And if those simulations you are running inside of this program were sufficiently detailed, then they could be conscious. This comes back to our earlier discussion of what is conscious. But I think a sufficiently detailed computer simulation of the mind could be conscious

You could then have a super intelligence that could process by thinking about things could create sentient beings, maybe millions or billions or trillions of them, and their welfare would then be a major ethical issue. They might be killed when it stops thinking about them, or they might be mistreated in different ways. And I think that would be an important ethical complication in this context


Questioner: Eliezer suggests that one of the many problems with arbitrary stamps in AI space is that human values are very complex. So virtually any goal system will go horribly wrong because it will be doing things we don’t quite care about, and that’s as bad as paperclips. How complex do you think human values will be?

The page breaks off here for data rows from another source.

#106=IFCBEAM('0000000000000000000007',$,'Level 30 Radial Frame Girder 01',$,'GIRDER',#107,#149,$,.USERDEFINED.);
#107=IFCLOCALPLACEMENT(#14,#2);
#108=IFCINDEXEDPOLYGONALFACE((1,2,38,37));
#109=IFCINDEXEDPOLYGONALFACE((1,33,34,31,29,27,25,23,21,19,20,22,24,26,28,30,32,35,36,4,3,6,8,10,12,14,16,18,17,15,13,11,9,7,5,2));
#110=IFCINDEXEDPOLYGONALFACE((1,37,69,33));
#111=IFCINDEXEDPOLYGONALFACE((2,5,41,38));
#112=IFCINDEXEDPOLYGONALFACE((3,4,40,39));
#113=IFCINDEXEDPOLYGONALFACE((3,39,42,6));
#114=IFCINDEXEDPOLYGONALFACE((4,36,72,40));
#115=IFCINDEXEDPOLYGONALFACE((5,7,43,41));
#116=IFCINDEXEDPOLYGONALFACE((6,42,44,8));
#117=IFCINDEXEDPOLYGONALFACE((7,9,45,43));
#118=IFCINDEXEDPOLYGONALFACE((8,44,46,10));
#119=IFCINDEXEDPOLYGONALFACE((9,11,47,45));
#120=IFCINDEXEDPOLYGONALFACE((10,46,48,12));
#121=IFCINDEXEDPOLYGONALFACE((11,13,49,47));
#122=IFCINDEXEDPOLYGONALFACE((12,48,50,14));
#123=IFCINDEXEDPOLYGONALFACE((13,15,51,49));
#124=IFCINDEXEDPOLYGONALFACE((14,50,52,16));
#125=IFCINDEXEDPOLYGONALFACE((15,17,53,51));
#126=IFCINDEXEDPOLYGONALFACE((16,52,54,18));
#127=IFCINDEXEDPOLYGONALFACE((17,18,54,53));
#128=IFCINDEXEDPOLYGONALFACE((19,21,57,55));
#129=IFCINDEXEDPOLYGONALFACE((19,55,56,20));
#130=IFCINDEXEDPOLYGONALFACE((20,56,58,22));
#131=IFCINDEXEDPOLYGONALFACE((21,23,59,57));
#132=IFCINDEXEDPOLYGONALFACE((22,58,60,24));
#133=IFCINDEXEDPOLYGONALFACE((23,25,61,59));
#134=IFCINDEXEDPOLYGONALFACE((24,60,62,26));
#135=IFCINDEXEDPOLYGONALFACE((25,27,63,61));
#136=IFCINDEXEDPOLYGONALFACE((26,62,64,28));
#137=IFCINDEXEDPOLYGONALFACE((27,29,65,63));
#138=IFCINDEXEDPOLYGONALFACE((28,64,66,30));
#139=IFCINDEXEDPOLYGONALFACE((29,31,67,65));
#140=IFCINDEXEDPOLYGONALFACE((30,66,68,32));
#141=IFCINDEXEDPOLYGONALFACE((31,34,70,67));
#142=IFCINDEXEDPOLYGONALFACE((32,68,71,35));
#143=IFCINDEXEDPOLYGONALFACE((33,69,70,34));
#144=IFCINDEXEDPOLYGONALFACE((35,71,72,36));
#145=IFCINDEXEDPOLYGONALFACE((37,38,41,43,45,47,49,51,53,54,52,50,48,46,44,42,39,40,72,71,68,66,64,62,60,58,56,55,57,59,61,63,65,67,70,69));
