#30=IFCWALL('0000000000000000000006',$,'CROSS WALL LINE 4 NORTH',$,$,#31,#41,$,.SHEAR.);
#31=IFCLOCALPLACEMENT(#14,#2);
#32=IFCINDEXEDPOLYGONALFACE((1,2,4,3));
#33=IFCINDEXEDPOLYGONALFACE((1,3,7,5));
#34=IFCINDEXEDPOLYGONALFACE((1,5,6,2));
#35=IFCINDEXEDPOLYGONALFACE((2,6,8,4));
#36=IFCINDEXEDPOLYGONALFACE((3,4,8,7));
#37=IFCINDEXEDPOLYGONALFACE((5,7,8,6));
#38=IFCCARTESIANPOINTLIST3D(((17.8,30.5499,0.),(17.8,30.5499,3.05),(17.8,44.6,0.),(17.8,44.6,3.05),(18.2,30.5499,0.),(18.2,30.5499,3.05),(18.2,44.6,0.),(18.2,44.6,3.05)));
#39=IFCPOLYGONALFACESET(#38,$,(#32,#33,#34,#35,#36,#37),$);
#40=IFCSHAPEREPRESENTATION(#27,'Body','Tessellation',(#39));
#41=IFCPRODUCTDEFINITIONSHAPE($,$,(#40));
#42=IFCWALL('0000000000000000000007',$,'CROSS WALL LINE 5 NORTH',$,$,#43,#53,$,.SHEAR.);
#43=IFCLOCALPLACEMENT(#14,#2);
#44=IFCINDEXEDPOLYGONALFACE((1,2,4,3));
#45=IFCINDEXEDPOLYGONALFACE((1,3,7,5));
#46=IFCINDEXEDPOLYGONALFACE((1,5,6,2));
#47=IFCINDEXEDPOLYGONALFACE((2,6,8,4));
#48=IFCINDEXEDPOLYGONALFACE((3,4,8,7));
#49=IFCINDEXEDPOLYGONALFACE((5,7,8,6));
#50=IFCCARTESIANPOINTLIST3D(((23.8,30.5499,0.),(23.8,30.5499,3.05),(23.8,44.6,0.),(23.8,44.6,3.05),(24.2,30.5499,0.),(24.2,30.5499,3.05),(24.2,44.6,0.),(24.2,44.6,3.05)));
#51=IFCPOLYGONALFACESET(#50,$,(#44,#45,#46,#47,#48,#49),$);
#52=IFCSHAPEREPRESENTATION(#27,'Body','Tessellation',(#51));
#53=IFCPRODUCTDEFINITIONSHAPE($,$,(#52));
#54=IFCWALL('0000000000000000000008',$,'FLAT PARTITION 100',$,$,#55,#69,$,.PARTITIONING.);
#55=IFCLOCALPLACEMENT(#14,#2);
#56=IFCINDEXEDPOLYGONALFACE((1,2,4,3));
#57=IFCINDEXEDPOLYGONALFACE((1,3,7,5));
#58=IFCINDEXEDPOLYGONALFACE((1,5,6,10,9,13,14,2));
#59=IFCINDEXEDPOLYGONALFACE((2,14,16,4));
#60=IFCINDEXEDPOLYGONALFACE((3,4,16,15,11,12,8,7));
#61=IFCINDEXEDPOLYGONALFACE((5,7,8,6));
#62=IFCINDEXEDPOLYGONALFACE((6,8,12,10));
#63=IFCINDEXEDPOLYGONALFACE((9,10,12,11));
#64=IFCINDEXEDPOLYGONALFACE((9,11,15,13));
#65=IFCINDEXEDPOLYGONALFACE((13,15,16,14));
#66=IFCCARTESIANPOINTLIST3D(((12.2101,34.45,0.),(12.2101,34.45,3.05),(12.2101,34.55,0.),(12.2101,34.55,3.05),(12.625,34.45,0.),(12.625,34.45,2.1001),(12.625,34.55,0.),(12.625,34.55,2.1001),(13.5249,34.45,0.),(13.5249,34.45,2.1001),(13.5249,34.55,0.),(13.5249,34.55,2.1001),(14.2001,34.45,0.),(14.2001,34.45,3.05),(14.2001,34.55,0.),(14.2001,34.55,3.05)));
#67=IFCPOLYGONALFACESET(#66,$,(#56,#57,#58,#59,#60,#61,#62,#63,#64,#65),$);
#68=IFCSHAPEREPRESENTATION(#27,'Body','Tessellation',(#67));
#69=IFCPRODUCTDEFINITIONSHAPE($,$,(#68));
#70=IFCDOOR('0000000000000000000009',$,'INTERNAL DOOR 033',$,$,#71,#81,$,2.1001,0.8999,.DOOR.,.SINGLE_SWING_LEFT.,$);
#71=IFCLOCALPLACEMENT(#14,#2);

Nick: It looks like human values are very complicated. Even if they were very simple, even if it turned out its just pleasure say, which compared to other things of what has value, like democracy flourishing and art. As far as we can think of values that’s one of the more simplistic possibilities. Even that if you start to think of it from a physicalistic view, and you have to now specify which atoms have to go how and where for there to be pleasure. It would be a pretty difficult thing to write down, Like the Schrödinger Equation for pleasure.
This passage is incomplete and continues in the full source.